— Я позаботилась о нашем достоинстве, — заметила она. — Нас могли раздеть донага и повесить на площади Синьории. Вместе этого нас подождут снаружи и дадут немного свободы. И немного времени.
Ипполито выдохнул, лицо его перекосилось.
— Я им не поклонюсь, — отчеканил он, и в этих словах прозвучала угроза.
Минуло четыре ужасных дня. Мужчины провели их, запершись в покоях Ипполито. Тетя Кларисса бродила по пустым залам. Слуги покинули нас, за исключением самых преданных, в числе которых были Леда, Паола, конюхи и повар. Повстанцы по-прежнему несли вахту за железными воротами. Солдаты, еще недавно охранявшие дом, ушли.
Шестнадцатого — за день до унижения на площади Синьории — моя комната была полностью освобождена. Я умоляла Паолу упаковать сочинение Фичино, но она сказала, что для маленькой девочки эта книга слишком тяжела.
Вечером тетя Кларисса распорядилась подать ужин в небольшую столовую. Ипполито помалкивал, Сандро, напротив, казался весел, как и Пассерини. Когда Кларисса выразила сожаление, что придется отдать родной дом неприятелям, Пассерини похлопал ее по руке, намеренно не обращая внимания на забинтованное запястье.

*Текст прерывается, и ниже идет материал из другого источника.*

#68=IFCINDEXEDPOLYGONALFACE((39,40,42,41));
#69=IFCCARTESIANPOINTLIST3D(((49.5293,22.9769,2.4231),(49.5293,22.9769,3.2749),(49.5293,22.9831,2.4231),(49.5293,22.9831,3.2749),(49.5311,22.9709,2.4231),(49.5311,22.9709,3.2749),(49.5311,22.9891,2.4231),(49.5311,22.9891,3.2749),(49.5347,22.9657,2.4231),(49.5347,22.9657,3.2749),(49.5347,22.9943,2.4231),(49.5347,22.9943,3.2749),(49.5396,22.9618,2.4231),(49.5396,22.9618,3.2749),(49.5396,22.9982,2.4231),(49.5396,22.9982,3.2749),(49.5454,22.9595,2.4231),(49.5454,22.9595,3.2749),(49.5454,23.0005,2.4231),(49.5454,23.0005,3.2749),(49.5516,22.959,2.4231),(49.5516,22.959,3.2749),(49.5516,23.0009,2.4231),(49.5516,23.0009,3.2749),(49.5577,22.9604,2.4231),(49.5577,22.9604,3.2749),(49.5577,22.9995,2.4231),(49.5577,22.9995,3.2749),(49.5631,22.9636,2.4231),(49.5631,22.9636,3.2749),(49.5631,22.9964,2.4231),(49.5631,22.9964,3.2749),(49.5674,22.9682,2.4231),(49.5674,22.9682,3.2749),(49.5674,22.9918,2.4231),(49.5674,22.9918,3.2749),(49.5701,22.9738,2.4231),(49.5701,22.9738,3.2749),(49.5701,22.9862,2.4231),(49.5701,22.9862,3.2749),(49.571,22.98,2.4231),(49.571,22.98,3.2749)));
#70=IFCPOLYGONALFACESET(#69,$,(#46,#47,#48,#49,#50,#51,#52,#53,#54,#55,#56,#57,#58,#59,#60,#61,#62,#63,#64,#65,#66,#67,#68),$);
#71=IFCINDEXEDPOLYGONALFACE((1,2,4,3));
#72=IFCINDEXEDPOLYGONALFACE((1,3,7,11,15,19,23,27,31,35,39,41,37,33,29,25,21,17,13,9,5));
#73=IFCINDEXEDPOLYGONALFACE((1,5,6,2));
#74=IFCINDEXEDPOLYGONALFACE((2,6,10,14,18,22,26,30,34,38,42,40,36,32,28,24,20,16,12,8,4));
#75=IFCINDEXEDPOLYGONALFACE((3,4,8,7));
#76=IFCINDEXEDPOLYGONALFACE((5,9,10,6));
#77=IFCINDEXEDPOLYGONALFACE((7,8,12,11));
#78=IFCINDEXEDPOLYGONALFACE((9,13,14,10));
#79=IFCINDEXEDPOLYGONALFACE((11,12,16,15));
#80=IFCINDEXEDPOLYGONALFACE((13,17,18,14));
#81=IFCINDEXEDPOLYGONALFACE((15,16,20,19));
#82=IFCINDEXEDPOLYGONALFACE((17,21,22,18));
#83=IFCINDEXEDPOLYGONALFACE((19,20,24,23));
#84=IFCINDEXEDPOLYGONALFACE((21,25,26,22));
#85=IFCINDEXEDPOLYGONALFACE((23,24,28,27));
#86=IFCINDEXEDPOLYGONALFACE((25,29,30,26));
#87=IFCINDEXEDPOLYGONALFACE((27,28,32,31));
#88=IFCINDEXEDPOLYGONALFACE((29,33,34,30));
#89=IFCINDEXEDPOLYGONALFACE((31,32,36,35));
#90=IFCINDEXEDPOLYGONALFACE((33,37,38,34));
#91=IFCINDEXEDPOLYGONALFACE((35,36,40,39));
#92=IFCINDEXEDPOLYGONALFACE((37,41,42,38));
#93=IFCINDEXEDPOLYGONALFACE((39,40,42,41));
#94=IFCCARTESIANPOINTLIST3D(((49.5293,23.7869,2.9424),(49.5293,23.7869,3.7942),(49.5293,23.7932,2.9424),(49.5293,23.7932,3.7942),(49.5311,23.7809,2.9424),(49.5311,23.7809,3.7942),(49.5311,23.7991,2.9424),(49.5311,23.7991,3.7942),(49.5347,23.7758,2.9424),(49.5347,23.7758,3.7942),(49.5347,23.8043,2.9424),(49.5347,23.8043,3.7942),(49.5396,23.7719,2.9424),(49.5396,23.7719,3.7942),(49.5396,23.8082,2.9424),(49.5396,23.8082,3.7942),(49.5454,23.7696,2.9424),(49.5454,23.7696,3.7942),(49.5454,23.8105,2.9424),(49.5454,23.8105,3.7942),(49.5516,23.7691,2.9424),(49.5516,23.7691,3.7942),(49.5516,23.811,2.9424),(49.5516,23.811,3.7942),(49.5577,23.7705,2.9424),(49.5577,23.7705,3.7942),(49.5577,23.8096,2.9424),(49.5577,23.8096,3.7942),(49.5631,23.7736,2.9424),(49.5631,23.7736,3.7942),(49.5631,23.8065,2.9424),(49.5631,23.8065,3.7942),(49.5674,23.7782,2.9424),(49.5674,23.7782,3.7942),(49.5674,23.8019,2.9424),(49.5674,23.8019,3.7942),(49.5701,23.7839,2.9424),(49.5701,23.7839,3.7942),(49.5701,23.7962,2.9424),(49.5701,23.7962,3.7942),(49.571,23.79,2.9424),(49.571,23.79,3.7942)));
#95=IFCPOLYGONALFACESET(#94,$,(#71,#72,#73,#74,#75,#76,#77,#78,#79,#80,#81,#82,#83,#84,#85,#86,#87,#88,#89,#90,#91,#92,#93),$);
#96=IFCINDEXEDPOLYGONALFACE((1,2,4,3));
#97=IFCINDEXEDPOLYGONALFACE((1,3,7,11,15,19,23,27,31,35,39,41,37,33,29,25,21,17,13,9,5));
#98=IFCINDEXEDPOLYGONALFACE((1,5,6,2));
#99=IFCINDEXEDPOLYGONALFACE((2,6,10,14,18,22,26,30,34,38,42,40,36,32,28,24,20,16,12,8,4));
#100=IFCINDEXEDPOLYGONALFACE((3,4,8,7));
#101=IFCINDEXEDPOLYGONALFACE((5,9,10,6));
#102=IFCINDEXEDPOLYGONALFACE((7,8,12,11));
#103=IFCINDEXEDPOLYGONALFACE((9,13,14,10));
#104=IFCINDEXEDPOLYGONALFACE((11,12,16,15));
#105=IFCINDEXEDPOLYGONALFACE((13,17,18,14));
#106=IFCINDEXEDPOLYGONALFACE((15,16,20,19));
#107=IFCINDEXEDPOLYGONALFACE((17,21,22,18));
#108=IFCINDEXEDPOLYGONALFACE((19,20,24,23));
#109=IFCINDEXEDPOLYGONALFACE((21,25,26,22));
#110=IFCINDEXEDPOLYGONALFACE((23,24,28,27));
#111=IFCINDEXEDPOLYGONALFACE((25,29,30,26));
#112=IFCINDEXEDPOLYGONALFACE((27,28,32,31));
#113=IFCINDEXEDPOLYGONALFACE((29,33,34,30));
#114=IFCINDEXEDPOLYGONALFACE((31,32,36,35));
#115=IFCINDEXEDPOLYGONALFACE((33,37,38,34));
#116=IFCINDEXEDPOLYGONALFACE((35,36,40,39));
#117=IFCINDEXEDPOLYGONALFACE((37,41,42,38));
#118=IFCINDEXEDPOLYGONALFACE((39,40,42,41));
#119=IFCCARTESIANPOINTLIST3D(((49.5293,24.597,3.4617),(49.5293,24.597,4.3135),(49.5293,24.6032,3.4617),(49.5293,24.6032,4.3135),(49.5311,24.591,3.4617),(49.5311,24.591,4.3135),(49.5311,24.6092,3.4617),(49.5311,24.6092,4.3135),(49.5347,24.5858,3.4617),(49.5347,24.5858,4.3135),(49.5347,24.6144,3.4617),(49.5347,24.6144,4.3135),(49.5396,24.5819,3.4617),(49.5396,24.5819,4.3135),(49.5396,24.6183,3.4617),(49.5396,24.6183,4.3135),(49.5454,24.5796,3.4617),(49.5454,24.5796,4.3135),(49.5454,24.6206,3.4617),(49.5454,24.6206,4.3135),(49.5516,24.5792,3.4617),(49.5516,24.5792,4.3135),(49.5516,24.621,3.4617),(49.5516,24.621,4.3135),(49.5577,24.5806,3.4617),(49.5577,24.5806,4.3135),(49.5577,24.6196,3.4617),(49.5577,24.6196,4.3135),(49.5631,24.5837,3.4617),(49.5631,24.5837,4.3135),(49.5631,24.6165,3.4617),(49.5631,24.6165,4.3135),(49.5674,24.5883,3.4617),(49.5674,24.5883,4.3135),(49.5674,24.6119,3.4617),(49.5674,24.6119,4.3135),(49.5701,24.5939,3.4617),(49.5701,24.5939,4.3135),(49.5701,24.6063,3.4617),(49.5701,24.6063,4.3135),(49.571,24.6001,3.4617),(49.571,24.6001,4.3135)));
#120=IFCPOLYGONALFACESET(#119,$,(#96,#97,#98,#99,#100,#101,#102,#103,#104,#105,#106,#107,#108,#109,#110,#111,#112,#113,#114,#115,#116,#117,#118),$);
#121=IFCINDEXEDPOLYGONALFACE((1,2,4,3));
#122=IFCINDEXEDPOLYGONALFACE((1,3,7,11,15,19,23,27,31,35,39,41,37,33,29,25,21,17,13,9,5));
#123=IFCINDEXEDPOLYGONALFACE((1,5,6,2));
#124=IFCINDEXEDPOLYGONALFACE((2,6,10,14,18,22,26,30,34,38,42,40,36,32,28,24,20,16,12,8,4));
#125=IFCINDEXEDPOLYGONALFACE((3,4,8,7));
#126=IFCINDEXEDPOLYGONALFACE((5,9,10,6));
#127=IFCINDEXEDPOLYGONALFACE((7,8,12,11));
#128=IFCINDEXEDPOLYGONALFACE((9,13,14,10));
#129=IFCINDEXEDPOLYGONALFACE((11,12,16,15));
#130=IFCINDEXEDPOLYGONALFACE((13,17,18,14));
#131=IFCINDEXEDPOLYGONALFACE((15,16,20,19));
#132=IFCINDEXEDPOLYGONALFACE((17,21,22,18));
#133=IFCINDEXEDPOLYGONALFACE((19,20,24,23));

Ужин закончился спокойно, по крайней мере для Клариссы, Ипполито и меня. Мы трое ушли, оставив Сандро и Пассерини за вином и шутками. Я слышала их смех, когда возвращалась в детскую.
В ту ночь мне приснился сон.
Я стояла посреди большого поля. Вдруг вдалеке появился человек, его фигуру освещали лучи закатного солнца. Лица я не видела, но он меня знал и окликнул на французский манер:
— Катрин…
Не Катериной, не именем, которое мне дали при рождении, а Катрин. Так однажды назвал меня колдун.
— Катрин! — прокричал он снова, его голос был полон отчаяния.
Сцена внезапно изменилась, как это часто бывает во сне. Француз лежал на земле у моих ног, а я склонилась над ним, чтобы помочь. С затененного лица стекала кровь, словно вода весной; от крови промокла земля. Я понимала, что повинна в этой крови и что он погибнет, если я чего-то не сделаю. Однако не имела представления, что конкретно должна сделать.
— Катрин, — прошептал он и умер.
Я проснулась от крика Леды.
Крик донесся с лестничной площадки. Там находились комнаты Ипполито и Алессандро. Я побежала на звук.
Леда стояла на четвереньках перед распахнутой настежь дверью. Ее вопли перешли в стоны, перемежавшиеся со звоном колоколов церкви Сан-Лоренцо. Колокола провозглашали наступление рассвета.
Я бросилась к служанке.
— Что, ребенок?
Леда покачала головой и сжала зубы. Она уставилась на Клариссу, которая как раз появилась, в ночной рубашке, с накинутой на плечи шалью. Тетя присела возле Леды.